The Open Systems Interconnection model (OSI model) is a conceptual model that characterizes and standardizes the communication functions of a telecommunication or computing system without regard to their underlying internal structure and technology. Its goal is the interoperability of diverse communication systems with standard protocols. The model partitions a communication system into abstraction layers. The original version of the model defined seven layers.

Layer 1:  Physical Layer

Layer 2: Data link layer

Layer 3 : network layer

Layer 4: transport layer

Layer 5; Session layer

Layer 6: Presentation layer

Layer 7: Application layer

Layer 1:  Physical Layer

Physical layer is the electrical and physical specification of data connection. it define the relationship between a device and a physical transmission medium such as copper or a fiber optical cable. it is responsible for a transmission and reception of unstructured raw data in a physical medium.

Layer 2: Data link layer

the data link layer is a link between two directly connected nodes. it detect and possibly correct errors that may occur in the physical layer. it define the protocol to establish and terminate a connection between who physically connected device. the data link layer is divided into two sub layer which is Media access control (MAC) and Logical link control (LLC).

Media access control is responsible for controlling how a device in a network gain to a medium and permission to transmit data.

Logical link control (LLC) is responsible for identifying network layer protocols and then encapsulating them and controls error checking and frame synchronization.

Layer 3 : network layer

Network layer provides the functional and procedural means of transferring variable length data sequences called datagrams from one node to another connected to the same "network". 

Layer 4: transport layer

the transport layer provide the functional and procedural means of transferring varaible-length data sequences to a destination host via one or more networks, while maintaining the quality of service function.

an example of a transport-layer protocol in the standard internet stack is Transmission Control Protocol (TCP), usually built on top of the internet protocol (IP).

The transfer layer control the reliability of a given link through flow control, segmentation/desegmentation and error control.

Layer 5; Session layer

the session layer controls the dialogues (connections) between computers. it establishes, manages and terminates the connections between the local and remote application. The OSI model made this layer responsible for graceful close of session, which is a property of the TCP and also for session check pointing and recovery.

Layer 6: Presentation layer

Presentation layer establishes context between application-layer entities, in which the application-layer entities may use different syntax and semantics if the presentation service provides a mapping between them.

this layer provides independence from data representation for example encryption, by translating between application and network formats. this layer formats and encrypts data into the form that the application accepts.

Layer 7: Application layer

the application layer is the OSI layer closest to the end user, which means both the OSI application and the user interact directly with the software application. This layer interact with software applications that implement a communicating component.

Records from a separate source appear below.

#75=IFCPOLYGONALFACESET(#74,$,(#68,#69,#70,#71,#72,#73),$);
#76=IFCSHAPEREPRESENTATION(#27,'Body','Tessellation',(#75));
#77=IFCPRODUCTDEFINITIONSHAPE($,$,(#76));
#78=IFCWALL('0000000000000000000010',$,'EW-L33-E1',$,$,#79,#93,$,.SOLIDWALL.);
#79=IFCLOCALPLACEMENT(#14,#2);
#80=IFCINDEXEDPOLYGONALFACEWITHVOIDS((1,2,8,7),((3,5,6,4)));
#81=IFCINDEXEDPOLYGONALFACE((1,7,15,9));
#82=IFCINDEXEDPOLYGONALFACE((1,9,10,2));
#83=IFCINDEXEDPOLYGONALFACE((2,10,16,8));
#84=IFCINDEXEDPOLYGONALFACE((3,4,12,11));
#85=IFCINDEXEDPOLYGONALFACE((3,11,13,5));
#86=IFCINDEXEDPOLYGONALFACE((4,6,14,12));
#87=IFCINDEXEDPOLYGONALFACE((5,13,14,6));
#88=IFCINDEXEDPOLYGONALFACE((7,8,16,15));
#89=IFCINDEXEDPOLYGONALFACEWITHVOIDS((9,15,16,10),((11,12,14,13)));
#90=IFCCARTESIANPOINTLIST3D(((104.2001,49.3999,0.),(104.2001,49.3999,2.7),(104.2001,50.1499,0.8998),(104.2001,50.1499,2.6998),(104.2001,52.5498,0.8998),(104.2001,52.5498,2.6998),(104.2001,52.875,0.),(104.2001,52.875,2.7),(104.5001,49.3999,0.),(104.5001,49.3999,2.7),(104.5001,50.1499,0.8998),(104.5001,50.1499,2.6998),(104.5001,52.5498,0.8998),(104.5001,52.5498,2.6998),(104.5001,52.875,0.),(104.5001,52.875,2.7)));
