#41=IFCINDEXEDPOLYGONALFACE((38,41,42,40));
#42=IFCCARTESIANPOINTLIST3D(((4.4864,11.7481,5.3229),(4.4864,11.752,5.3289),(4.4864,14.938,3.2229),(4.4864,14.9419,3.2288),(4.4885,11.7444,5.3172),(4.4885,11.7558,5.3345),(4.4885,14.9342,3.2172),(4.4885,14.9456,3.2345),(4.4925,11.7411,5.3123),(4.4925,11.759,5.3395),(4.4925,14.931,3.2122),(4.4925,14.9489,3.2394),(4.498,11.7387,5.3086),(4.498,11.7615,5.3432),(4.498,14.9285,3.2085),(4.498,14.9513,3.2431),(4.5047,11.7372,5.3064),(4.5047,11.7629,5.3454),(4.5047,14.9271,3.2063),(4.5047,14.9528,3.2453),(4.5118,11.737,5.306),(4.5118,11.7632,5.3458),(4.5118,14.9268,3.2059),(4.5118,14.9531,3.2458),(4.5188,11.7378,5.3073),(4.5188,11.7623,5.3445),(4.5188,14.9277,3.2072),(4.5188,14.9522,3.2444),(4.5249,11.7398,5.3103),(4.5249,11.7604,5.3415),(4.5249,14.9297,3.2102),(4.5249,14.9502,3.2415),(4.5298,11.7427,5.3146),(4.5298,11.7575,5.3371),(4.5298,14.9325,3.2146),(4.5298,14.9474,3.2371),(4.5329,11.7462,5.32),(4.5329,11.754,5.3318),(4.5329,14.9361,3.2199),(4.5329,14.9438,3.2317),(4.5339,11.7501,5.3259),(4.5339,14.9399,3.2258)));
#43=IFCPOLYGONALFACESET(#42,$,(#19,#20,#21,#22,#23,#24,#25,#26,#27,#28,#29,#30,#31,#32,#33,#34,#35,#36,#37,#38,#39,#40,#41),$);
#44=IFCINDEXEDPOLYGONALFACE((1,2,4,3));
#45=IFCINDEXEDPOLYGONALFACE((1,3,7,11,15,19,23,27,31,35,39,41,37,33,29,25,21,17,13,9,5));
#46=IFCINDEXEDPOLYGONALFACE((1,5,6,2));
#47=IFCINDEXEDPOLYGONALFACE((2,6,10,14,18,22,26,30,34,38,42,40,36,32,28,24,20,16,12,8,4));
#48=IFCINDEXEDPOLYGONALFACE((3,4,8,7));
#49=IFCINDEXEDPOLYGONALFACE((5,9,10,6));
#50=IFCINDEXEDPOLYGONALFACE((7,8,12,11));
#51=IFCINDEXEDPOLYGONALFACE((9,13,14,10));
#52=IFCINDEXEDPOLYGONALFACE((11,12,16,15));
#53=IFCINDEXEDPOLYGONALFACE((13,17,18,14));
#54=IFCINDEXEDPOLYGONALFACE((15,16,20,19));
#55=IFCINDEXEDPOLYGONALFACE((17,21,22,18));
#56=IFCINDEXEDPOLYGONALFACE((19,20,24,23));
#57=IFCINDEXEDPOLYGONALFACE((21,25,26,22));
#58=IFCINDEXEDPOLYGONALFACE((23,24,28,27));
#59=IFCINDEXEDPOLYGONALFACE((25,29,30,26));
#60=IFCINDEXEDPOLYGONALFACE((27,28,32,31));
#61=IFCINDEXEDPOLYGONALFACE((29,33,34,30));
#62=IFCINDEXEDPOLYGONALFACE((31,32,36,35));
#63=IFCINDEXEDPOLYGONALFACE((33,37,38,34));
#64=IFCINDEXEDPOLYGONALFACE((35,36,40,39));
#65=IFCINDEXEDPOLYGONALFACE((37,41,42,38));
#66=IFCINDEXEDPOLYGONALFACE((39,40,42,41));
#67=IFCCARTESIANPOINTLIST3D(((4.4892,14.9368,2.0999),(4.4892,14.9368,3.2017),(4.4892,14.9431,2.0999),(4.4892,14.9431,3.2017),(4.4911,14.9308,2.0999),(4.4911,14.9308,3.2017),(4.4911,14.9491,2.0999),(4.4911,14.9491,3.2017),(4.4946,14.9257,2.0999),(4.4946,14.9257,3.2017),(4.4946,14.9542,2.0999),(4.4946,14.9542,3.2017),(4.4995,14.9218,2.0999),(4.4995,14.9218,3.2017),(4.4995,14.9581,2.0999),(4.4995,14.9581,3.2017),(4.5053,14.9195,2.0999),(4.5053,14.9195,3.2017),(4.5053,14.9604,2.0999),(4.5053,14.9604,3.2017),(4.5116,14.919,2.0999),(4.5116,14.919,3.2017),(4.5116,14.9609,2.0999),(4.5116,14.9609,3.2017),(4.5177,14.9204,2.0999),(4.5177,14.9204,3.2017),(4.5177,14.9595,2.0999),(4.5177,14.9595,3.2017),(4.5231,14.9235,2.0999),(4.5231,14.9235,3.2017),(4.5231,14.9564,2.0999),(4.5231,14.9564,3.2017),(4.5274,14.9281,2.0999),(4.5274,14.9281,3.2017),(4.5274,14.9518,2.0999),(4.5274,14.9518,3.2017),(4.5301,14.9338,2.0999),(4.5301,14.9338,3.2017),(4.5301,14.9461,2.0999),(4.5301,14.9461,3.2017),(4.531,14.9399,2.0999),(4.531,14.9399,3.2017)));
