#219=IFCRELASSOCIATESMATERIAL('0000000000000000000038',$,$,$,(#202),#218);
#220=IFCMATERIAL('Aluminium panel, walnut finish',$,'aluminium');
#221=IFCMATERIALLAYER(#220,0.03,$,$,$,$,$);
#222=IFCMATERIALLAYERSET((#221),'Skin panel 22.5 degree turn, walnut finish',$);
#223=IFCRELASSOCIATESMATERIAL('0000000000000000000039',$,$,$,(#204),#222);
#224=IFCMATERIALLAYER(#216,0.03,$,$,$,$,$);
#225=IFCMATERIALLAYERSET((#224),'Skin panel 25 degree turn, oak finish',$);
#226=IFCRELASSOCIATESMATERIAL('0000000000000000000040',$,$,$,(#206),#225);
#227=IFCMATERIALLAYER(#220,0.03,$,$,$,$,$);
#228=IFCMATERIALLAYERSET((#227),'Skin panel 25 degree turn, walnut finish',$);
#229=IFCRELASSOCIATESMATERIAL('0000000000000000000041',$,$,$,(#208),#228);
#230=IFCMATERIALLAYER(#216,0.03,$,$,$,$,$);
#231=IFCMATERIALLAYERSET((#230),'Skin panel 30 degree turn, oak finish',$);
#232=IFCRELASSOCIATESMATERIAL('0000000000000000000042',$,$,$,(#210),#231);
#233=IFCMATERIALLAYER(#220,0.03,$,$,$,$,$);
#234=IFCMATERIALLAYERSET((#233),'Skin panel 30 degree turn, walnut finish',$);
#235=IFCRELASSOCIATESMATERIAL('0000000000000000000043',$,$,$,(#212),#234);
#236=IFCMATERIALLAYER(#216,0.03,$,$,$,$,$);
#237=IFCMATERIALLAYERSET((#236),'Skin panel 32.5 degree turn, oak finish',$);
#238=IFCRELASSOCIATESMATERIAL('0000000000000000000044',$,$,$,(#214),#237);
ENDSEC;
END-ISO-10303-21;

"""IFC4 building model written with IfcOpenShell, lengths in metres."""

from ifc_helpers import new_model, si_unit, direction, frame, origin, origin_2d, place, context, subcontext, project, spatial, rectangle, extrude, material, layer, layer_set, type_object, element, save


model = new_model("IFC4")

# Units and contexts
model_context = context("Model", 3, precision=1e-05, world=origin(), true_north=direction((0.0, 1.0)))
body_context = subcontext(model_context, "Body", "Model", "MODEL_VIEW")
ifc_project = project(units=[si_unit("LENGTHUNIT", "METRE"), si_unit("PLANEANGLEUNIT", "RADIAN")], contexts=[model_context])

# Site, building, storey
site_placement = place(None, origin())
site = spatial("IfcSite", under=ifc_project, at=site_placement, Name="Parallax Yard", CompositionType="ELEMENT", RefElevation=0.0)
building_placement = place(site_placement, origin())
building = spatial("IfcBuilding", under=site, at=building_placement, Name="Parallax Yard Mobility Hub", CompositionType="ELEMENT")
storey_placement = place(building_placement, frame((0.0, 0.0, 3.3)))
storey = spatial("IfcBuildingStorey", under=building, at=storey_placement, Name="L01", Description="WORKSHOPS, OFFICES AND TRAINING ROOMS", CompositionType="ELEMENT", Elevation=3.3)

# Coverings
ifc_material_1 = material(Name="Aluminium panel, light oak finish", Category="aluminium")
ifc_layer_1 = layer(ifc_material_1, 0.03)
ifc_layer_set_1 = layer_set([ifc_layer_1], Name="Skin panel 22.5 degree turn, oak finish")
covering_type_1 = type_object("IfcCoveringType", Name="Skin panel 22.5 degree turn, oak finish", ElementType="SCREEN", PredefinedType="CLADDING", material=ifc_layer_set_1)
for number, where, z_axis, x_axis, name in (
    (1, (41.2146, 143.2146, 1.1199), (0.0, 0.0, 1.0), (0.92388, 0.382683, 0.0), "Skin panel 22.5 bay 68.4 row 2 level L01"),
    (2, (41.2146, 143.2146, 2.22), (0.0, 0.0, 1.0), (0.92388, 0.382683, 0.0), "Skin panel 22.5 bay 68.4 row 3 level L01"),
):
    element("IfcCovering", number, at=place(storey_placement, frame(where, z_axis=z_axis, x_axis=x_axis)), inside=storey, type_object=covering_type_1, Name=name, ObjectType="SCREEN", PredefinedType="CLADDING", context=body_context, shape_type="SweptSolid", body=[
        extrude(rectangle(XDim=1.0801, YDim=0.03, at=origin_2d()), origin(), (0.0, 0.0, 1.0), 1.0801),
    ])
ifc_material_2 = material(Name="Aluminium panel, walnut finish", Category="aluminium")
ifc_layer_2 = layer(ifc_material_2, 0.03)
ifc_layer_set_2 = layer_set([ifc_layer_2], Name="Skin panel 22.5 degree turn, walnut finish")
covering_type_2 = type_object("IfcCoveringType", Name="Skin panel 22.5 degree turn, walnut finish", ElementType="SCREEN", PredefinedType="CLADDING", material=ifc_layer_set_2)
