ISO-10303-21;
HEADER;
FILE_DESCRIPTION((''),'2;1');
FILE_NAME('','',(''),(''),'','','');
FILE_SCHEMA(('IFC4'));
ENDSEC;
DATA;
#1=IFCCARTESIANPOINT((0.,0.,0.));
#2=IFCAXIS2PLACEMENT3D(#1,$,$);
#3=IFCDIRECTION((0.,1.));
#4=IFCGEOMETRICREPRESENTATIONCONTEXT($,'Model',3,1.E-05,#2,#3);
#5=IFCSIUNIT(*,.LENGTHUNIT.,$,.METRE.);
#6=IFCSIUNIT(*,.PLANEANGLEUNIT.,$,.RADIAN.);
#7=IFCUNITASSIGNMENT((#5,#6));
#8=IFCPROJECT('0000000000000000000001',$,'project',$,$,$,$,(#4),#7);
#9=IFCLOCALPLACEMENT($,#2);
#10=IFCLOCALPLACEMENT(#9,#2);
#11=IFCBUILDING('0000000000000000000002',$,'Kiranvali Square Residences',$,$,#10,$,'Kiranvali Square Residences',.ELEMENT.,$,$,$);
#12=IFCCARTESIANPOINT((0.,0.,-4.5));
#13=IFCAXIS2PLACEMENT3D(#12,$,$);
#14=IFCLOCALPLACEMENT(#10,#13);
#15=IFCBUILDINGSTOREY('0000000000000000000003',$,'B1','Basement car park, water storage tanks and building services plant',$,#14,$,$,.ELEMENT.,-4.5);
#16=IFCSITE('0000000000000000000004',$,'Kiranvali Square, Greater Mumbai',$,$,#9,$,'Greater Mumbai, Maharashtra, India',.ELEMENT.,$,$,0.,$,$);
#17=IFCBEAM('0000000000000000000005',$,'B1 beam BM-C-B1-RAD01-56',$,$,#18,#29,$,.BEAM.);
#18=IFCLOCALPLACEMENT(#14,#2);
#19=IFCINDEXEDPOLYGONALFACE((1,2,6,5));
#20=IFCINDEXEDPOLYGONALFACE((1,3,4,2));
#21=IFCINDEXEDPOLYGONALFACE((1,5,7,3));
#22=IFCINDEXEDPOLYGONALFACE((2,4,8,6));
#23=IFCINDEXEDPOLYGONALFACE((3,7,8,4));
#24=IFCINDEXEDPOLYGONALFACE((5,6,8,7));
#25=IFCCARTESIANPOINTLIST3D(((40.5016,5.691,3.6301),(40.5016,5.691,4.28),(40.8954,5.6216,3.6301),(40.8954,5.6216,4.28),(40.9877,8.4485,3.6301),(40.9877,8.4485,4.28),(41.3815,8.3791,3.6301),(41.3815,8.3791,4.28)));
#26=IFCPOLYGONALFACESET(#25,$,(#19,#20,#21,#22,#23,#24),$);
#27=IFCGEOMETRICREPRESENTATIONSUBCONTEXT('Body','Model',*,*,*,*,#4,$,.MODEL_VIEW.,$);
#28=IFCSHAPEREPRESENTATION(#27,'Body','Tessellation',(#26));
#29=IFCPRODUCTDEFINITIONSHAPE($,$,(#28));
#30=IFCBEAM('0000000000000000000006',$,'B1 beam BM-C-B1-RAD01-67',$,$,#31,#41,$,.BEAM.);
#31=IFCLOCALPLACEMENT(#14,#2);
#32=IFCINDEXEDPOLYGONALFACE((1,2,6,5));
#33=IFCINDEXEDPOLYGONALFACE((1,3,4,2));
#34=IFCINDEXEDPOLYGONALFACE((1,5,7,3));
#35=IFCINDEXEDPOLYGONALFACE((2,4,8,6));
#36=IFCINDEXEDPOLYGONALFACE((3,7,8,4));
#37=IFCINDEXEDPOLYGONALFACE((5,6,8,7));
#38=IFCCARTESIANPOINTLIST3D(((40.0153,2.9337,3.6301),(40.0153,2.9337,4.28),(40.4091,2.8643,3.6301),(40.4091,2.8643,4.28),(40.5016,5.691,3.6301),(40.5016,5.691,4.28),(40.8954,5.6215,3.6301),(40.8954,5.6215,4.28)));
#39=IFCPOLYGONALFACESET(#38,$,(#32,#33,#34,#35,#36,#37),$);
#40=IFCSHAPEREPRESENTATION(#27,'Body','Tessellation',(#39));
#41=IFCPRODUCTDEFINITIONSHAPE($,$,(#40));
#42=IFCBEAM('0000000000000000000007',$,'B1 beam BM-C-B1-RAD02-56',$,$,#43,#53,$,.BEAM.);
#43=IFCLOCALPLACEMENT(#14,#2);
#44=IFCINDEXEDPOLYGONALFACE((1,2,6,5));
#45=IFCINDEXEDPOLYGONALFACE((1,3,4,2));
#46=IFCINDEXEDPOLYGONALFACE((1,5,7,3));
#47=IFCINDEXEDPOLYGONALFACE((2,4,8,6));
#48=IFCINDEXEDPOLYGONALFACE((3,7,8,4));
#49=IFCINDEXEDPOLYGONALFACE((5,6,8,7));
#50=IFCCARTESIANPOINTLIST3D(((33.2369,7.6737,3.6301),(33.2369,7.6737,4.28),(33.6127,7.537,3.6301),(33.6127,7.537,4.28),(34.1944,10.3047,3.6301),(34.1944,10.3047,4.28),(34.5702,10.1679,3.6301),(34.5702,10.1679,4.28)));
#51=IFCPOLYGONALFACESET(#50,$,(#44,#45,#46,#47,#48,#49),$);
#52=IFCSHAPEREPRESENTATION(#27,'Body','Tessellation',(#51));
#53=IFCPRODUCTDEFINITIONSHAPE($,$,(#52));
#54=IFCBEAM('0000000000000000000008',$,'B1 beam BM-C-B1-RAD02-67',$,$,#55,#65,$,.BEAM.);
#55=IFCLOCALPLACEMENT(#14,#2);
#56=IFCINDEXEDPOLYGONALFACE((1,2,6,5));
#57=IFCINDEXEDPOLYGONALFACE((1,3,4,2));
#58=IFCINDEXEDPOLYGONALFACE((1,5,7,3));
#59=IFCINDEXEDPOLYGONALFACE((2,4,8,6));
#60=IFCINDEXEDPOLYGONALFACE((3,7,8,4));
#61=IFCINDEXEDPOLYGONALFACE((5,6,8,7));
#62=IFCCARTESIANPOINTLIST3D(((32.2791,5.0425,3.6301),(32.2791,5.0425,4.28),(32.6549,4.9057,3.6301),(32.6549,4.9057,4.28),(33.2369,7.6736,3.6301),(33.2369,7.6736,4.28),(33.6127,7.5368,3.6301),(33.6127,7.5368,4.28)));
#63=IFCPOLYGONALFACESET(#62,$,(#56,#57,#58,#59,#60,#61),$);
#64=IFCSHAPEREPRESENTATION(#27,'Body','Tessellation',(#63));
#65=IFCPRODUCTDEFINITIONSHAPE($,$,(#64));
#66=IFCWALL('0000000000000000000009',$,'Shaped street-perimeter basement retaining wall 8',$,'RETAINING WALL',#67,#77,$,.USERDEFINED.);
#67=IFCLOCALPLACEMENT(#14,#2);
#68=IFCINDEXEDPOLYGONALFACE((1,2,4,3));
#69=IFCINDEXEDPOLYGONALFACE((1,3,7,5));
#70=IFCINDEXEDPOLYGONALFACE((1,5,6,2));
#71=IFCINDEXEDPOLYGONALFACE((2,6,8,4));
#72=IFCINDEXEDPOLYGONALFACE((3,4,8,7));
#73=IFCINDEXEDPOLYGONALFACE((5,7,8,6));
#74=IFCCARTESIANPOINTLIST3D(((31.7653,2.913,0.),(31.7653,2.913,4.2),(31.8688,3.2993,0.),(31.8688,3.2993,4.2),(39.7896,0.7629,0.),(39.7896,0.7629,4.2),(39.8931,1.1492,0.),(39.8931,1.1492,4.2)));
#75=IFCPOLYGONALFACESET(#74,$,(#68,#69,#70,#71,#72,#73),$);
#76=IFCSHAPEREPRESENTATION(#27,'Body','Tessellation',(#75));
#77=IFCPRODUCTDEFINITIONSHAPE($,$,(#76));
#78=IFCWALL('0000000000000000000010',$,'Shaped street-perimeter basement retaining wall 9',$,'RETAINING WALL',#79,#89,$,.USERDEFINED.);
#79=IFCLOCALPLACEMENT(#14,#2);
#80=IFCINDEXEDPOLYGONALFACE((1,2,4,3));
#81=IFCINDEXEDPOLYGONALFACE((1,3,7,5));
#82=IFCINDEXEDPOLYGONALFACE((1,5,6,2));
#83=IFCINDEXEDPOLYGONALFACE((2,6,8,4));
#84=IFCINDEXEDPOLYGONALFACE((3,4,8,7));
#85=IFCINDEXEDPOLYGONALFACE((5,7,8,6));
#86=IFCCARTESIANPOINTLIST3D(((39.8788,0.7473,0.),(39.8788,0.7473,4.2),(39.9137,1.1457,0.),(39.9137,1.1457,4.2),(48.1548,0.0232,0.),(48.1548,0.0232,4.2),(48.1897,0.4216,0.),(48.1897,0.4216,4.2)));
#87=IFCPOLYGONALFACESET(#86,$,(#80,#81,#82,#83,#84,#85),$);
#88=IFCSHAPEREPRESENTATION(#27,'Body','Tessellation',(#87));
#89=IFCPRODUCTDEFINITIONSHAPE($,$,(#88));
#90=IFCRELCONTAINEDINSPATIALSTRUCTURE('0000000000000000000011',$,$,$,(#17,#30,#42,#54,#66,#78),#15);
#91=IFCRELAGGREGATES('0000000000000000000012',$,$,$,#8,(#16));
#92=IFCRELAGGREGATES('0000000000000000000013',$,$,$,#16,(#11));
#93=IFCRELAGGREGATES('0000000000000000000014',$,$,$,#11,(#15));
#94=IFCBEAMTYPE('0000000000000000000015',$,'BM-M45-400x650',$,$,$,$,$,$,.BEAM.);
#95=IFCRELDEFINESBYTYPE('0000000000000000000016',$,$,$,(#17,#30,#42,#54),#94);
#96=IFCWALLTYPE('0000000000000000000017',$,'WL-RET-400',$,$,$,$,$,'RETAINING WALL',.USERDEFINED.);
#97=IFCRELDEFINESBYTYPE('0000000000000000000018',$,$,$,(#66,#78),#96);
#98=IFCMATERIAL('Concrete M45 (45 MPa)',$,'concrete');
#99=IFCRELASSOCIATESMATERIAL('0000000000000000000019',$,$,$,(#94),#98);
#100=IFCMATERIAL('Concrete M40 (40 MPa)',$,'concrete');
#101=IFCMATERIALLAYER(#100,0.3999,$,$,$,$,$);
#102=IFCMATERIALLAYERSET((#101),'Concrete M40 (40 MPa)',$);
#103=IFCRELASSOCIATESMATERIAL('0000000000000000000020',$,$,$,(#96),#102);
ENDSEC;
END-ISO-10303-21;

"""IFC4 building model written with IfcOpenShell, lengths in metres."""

from ifc_helpers import new_model, si_unit, direction, frame, frame_2d, origin, origin_2d, place, context, subcontext, project, spatial, rectangle, extrude, material, layer, layer_set, material_profile, profile_set, type_object, element, save


model = new_model("IFC4")

# Units and contexts
model_context = context("Model", 3, precision=1e-05, world=origin(), true_north=direction((0.0, 1.0)))
body_context = subcontext(model_context, "Body", "Model", "MODEL_VIEW")
ifc_project = project(units=[si_unit("LENGTHUNIT", "METRE"), si_unit("PLANEANGLEUNIT", "RADIAN")], contexts=[model_context])

# Site, building, storey
site_placement = place(None, origin())
site = spatial("IfcSite", under=ifc_project, at=site_placement, Name="Kiranvali Square, Greater Mumbai", LongName="Greater Mumbai, Maharashtra, India", CompositionType="ELEMENT", RefElevation=0.0)
building_placement = place(site_placement, origin())
building = spatial("IfcBuilding", under=site, at=building_placement, Name="Kiranvali Square Residences", LongName="Kiranvali Square Residences", CompositionType="ELEMENT")
storey_placement = place(building_placement, frame((0.0, 0.0, -4.5)))
storey = spatial("IfcBuildingStorey", under=building, at=storey_placement, Name="B1", Description="Basement car park, water storage tanks and building services plant", CompositionType="ELEMENT", Elevation=-4.5)

# Shared definitions
ifc_material_1 = material(Name="Concrete M40 (40 MPa)", Category="concrete")

# Beams
ifc_material_2 = material(Name="Concrete M45 (45 MPa)", Category="concrete")
ifc_material_profile_1 = material_profile(ifc_material_2, rectangle(XDim=0.3999, YDim=0.6499, at=origin_2d()), Name="RC 400x650")
ifc_profile_set_1 = profile_set([ifc_material_profile_1], Name="Concrete M45 (45 MPa)")
beam_type = type_object("IfcBeamType", Name="BM-M45-400x650", PredefinedType="BEAM", material=ifc_profile_set_1)
beam_1_placement = place(storey_placement, frame((41.1846, 8.4138, 3.9551), z_axis=(-0.173596, -0.984817, 0.0), x_axis=(0.984817, -0.173596, 0.0)))
element("IfcBeam", 1, at=beam_1_placement, inside=storey, type_object=beam_type, Name="B1 beam BM-C-B1-RAD01-56", PredefinedType="BEAM", context=body_context, shape_type="SweptSolid", body=[
    extrude(rectangle(XDim=0.3999, YDim=0.6499, at=origin_2d()), origin(), (0.0, 0.0, 1.0), 2.8),
])
for number, where, z_axis, x_axis, name in (
    (2, (40.6985, 5.6562, 3.9551), (-0.173696, -0.984799, 0.0), (0.984799, -0.173696, 0.0), "B1 beam BM-C-B1-RAD01-67"),
    (3, (34.3823, 10.2363, 3.9551), (-0.341981, -0.939707, 0.0), (0.939707, -0.341981, 0.0), "B1 beam BM-C-B1-RAD02-56"),
):
    element("IfcBeam", number, at=place(storey_placement, frame(where, z_axis=z_axis, x_axis=x_axis)), inside=storey, type_object=beam_type, Name=name, PredefinedType="BEAM", context=body_context, shape_type="SweptSolid", body=[
        extrude(rectangle(XDim=0.3999, YDim=0.6499, at=origin_2d()), origin(), (0.0, 0.0, 1.0), 2.7998),
    ])
beam_2_placement = place(storey_placement, frame((33.4248, 7.6052, 3.9551), z_axis=(-0.342058, -0.939679, 0.0), x_axis=(0.939679, -0.342058, 0.0)))
element("IfcBeam", 4, at=beam_2_placement, inside=storey, type_object=beam_type, Name="B1 beam BM-C-B1-RAD02-67", PredefinedType="BEAM", context=body_context, shape_type="SweptSolid", body=[
    extrude(rectangle(XDim=0.3999, YDim=0.6499, at=origin_2d()), origin(), (0.0, 0.0, 1.0), 2.8),
])

# Walls
ifc_layer = layer(ifc_material_1, 0.3999)
ifc_layer_set = layer_set([ifc_layer], Name="Concrete M40 (40 MPa)")
wall_type = type_object("IfcWallType", Name="WL-RET-400", ElementType="RETAINING WALL", PredefinedType="USERDEFINED", material=ifc_layer_set)
wall_1_placement = place(storey_placement, frame((31.8169, 3.1062, 0.0), z_axis=(0.0, 0.0, 1.0), x_axis=(0.965925, -0.25882, 0.0)))
element("IfcWall", 5, at=wall_1_placement, inside=storey, type_object=wall_type, Name="Shaped street-perimeter basement retaining wall 8", ObjectType="RETAINING WALL", PredefinedType="USERDEFINED", context=body_context, shape_type="SweptSolid", body=[
    extrude(rectangle(XDim=8.3074, YDim=0.3999, at=frame_2d((4.1538, 0.0))), origin(), (0.0, 0.0, 1.0), 4.2),
])
wall_2_placement = place(storey_placement, frame((39.8962, 0.9465, 0.0), z_axis=(0.0, 0.0, 1.0), x_axis=(0.996194, -0.087165, 0.0)))
element("IfcWall", 6, at=wall_2_placement, inside=storey, type_object=wall_type, Name="Shaped street-perimeter basement retaining wall 9", ObjectType="RETAINING WALL", PredefinedType="USERDEFINED", context=body_context, shape_type="SweptSolid", body=[
    extrude(rectangle(XDim=8.3076, YDim=0.3999, at=frame_2d((4.1538, 0.0))), origin(), (0.0, 0.0, 1.0), 4.2),
])

save(model, "model.ifc")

application-layer functions typically include identifying communication partner, determining resources availability communication partners, and synchronizing communication. when identifying communication partners, the applications layer determine the identity and availability of communication partners for an application with data to transmit. when determining resource availability, the application layer must decide whether sufficient network resources for the requested communication are available.